Respecto de la dimensión temporal, es posible afirmar que las violencias en la región de Tierra Caliente no son un fenómeno que se haya presentado a partir del inicio de la llamada “guerra contra las drogas”. Por el contrario, han sido un complejo fenoménico que se ha articulado desde el siglo XIX. Los especialistas en la zona ofrecen un puntual registro de los procesos políticos (Guerra Manzo, 2015; Meyer, 1993) que han generado la histórica conflictividad entre los sectores sociales. Asimismo, procesos económicos como la reforma agraria, el impulso al modelo de desarrollo agroexportador, a través de las comisiones de Tepalcatepec (1947) y del Balsas (1960), o el proceso de retraimiento del Estado, en el contexto de las reformas estructurales de los noventa, redundaron en dinámicas de precarización de la ruralidad, del aumento del conflicto social y de la violencia. Ahora bien, los horizontes temporales son singulares. Por ello, la investigación histórica ayudaría a entender las violencias en sus raíces estructurales y a comprender sus transformaciones en el devenir social. No obstante, tal investigación no sólo tendría que seguir una línea de tiempo amplia, que contemple la constitución del Estado en la región, además, debería seguir otra línea temporal corta que sondee los procesos dentro del periodo más contemporáneo conocido como “la guerra contra las drogas”.
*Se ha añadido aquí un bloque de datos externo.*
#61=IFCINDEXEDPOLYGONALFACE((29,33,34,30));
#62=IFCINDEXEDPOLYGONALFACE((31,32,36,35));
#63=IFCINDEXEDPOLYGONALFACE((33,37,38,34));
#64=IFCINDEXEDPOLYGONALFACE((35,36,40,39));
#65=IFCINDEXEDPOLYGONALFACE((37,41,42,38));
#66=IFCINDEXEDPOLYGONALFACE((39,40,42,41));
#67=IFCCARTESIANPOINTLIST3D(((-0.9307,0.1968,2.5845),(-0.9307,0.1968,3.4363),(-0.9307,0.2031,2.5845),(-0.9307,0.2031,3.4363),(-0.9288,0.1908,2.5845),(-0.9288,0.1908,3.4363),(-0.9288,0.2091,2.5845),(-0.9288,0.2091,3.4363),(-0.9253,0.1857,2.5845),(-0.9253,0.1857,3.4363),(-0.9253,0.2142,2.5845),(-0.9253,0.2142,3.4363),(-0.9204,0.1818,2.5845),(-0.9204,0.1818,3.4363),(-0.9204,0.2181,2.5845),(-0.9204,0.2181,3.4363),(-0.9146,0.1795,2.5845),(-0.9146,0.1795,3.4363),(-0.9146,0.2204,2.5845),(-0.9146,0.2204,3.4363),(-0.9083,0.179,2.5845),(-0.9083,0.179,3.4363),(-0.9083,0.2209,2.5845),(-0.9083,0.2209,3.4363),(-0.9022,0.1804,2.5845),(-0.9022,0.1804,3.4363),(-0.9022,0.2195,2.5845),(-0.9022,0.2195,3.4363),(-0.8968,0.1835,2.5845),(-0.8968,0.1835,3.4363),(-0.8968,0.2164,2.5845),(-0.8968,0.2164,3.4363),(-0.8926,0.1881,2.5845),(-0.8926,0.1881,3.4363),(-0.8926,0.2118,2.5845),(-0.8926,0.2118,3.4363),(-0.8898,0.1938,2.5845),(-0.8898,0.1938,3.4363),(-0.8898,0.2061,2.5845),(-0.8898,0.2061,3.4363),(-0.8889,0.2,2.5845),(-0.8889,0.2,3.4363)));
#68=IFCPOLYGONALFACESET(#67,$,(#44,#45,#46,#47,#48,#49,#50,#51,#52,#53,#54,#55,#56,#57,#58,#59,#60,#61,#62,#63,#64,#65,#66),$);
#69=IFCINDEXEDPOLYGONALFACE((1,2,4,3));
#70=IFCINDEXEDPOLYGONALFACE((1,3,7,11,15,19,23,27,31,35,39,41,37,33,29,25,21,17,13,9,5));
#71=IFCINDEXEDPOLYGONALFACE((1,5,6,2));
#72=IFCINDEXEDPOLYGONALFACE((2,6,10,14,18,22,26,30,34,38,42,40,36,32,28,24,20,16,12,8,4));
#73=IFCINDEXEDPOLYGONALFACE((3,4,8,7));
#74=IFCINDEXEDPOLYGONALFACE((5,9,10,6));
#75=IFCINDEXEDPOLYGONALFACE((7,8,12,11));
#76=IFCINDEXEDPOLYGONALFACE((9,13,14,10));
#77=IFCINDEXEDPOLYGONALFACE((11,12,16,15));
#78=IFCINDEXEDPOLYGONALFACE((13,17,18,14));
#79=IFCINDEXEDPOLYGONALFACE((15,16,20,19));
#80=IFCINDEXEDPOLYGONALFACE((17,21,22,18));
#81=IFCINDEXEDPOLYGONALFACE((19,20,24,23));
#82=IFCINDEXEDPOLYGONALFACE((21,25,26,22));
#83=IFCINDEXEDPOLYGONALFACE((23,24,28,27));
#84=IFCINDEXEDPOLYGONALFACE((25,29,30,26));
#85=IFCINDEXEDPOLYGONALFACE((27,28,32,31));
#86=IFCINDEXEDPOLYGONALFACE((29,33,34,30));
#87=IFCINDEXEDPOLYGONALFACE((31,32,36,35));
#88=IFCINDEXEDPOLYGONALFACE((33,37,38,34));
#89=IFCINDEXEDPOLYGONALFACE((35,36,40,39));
La dimensión espacial o territorial (Fuerte, Pérez y Córdova, 2019) también manifiesta una importancia toral en el análisis de las violencias en Tierra Caliente. Como los estudios historiográficos lo muestran, ésta ha sido una zona aislada, inaccesible y remota, no sólo por lo precario de sus rutas de acceso sino sobre todo por su orografía (Maldonado, 2012). Ahora bien, tampoco debe investigarse solamente por los recursos que ofrece para las operaciones de la delincuencia, para los refugios o los escenarios de las manifestaciones violentas -tanto para ocultar cuerpos como para publicitar ejecuciones- sino también como un espacio de constitución de lo simbólico. El espacio, antes que natural, es social y únicamente adquiere sentido a través de la atribución de significado. Así, para ciertos grupos criminales los lugares importan, como sitios de memoria, territorios de ocupación o zonas de producción. Por ejemplo, en el periodo de dominio de Los Caballeros Templarios (2011-2014) en Tepalcatepec, sobre las principales avenidas, a cada cierta distancia, se encontraban baldosas con el símbolo de esta organización criminal, a manera de una especie de recordatorio del dominio que ejercían en la región.
Por último, la dimensión social merece tres comentarios. Primero, recuerdo una conversación con un integrante de la sociedad civil, cuyo colectivo impartía talleres para enseñar a las niñas y los niños a jugar. El argumento que justificaba su actividad era que las formas de ejercer la paternidad y el modelo hegemónico de masculinidad en Tierra Caliente se traducían en una dinámica de socialización infantil que impedía el adecuado dominio de las emociones, la construcción de estrategias para resolver los conflictos y el entendimiento de la importancia del respeto hacia la dignidad del otro. La activista argumentaba que esta situación abonaba a la conflictividad social y, en última instancia, a la densa violencia presente en la región.
Cabe decir que la descripción de esta persona no se aleja de lo que ha mostrado la literatura historiográfica: la singularidad del genio del pueblo terracalenteño ha sido materia de varios estudios. Tierra Caliente se ha descrito como una zona indomable, indolente, violenta (Pérez, 2001). Y el ethos de los terracalenteños se ha caracterizado por cinco vicios: alcoholismo, lujuria, bilis, ociosidad y gusto por el juego (González, 2001: 37-38).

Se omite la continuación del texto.